With Spider Face Kevin Rabas confirms his much deserved position as an acute observer of life’s quiet moments. What he began with his poetry collections, Lisa’s Flying Electric Piano and Bird’s Horn before it, Rabas continues with Spider Face, his first story collection and here’s hoping not his last. Where his poetry explores those quiet moments of life in rhythmic bursts, using stanzas and imagery as vessels for emotion, his stories introduce characters as those vessels, adding a strong sense of human connection to his writing repertoire.

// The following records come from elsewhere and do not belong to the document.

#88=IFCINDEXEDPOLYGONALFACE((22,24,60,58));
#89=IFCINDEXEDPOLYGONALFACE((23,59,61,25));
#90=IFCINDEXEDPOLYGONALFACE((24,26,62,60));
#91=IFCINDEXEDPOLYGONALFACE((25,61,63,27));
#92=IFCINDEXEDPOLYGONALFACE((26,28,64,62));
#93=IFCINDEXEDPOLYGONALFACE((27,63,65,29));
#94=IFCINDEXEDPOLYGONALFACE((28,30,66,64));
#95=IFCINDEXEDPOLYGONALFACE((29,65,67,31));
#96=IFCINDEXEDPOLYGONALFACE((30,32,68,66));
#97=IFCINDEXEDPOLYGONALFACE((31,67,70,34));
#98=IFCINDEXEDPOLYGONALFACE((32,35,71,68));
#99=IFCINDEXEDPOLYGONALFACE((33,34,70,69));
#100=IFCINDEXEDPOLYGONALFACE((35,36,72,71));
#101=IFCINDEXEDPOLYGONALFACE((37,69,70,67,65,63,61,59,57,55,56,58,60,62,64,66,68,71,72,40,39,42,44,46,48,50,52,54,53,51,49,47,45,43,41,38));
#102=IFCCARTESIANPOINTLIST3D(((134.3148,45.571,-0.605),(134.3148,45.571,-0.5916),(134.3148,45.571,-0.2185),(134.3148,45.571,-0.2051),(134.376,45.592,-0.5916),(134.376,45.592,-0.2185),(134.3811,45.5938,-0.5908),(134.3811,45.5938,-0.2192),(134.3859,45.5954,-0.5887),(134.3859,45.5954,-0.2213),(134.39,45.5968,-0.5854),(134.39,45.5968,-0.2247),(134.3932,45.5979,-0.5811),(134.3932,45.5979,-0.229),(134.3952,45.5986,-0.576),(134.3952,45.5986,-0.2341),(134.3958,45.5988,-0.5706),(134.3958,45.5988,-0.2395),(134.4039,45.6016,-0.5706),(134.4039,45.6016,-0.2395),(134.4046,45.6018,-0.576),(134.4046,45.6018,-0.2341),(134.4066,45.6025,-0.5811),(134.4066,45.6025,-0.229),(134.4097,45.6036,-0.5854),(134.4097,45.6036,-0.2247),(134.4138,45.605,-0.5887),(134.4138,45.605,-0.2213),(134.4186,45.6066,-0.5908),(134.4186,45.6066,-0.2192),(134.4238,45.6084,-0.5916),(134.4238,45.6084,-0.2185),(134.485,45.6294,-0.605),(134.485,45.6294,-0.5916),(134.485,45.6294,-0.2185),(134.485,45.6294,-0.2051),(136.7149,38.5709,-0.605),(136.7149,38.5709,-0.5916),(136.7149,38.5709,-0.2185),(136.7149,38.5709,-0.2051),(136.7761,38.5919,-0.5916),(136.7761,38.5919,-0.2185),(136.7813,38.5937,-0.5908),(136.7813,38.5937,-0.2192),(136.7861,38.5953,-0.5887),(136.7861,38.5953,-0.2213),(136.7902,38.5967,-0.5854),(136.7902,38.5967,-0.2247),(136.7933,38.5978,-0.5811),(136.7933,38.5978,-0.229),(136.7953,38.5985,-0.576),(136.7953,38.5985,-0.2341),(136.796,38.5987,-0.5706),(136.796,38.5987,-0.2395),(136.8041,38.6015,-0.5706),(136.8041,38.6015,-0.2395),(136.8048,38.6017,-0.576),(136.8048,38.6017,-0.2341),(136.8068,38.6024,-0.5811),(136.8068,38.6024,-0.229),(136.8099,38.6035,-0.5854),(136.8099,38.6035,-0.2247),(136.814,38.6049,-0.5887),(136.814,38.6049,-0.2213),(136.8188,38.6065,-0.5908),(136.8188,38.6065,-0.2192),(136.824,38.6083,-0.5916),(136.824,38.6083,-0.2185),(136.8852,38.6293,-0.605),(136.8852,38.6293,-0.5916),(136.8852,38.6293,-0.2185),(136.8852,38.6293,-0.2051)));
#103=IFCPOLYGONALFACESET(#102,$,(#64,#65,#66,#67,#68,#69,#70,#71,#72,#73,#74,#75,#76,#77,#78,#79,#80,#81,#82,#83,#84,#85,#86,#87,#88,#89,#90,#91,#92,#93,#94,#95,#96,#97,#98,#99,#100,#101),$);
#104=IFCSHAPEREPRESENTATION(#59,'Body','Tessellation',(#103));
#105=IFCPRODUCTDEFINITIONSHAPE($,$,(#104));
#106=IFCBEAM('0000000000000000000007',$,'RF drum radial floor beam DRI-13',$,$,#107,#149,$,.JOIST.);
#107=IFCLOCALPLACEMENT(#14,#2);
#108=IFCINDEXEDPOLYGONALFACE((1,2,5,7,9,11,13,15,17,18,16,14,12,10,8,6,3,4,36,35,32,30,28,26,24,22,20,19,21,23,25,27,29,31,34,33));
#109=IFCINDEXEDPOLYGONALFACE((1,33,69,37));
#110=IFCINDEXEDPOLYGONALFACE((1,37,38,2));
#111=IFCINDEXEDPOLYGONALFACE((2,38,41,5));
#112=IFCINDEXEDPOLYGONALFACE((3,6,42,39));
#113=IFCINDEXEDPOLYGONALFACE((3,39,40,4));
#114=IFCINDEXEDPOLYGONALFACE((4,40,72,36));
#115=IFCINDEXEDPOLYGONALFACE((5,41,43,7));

The story, “The Battle,” opens the collection with the image of two young lovers and a broken bottle, which serves not only the vignette itself but also what feels like the impetus to the entire collection. Though it’s dangerous to assume an author’s fiction is autobiographical, Spider Face reads like a diary full of snapshots, and this opening story has all the gravity of a real life nucleus around which the entire collection revolves.
Perhaps the quote from the story “Solid Aluminum” best exemplifies how these stories may have originated:
“You gotta keep your eyes open for this kinda stuff that nobody wants, kid, and pick it up. It’ll come in handy someday, all this junk. That’s what I bought your Mom’s ring with this past year, for her anniversary, with all the cash I had saved up from haulin’ in six years worth of junk. Kept the bills bundled up in an envelope, tax-free, with a rubber band tied round it, bundled under the workbench.” (pg 18)
Spider Face feels like an accumulation of moments, a peak into the author’s life made tangible by a poet’s rhythm and an artist’s eye. Buy it. You’ll live the life of an artist for the evening.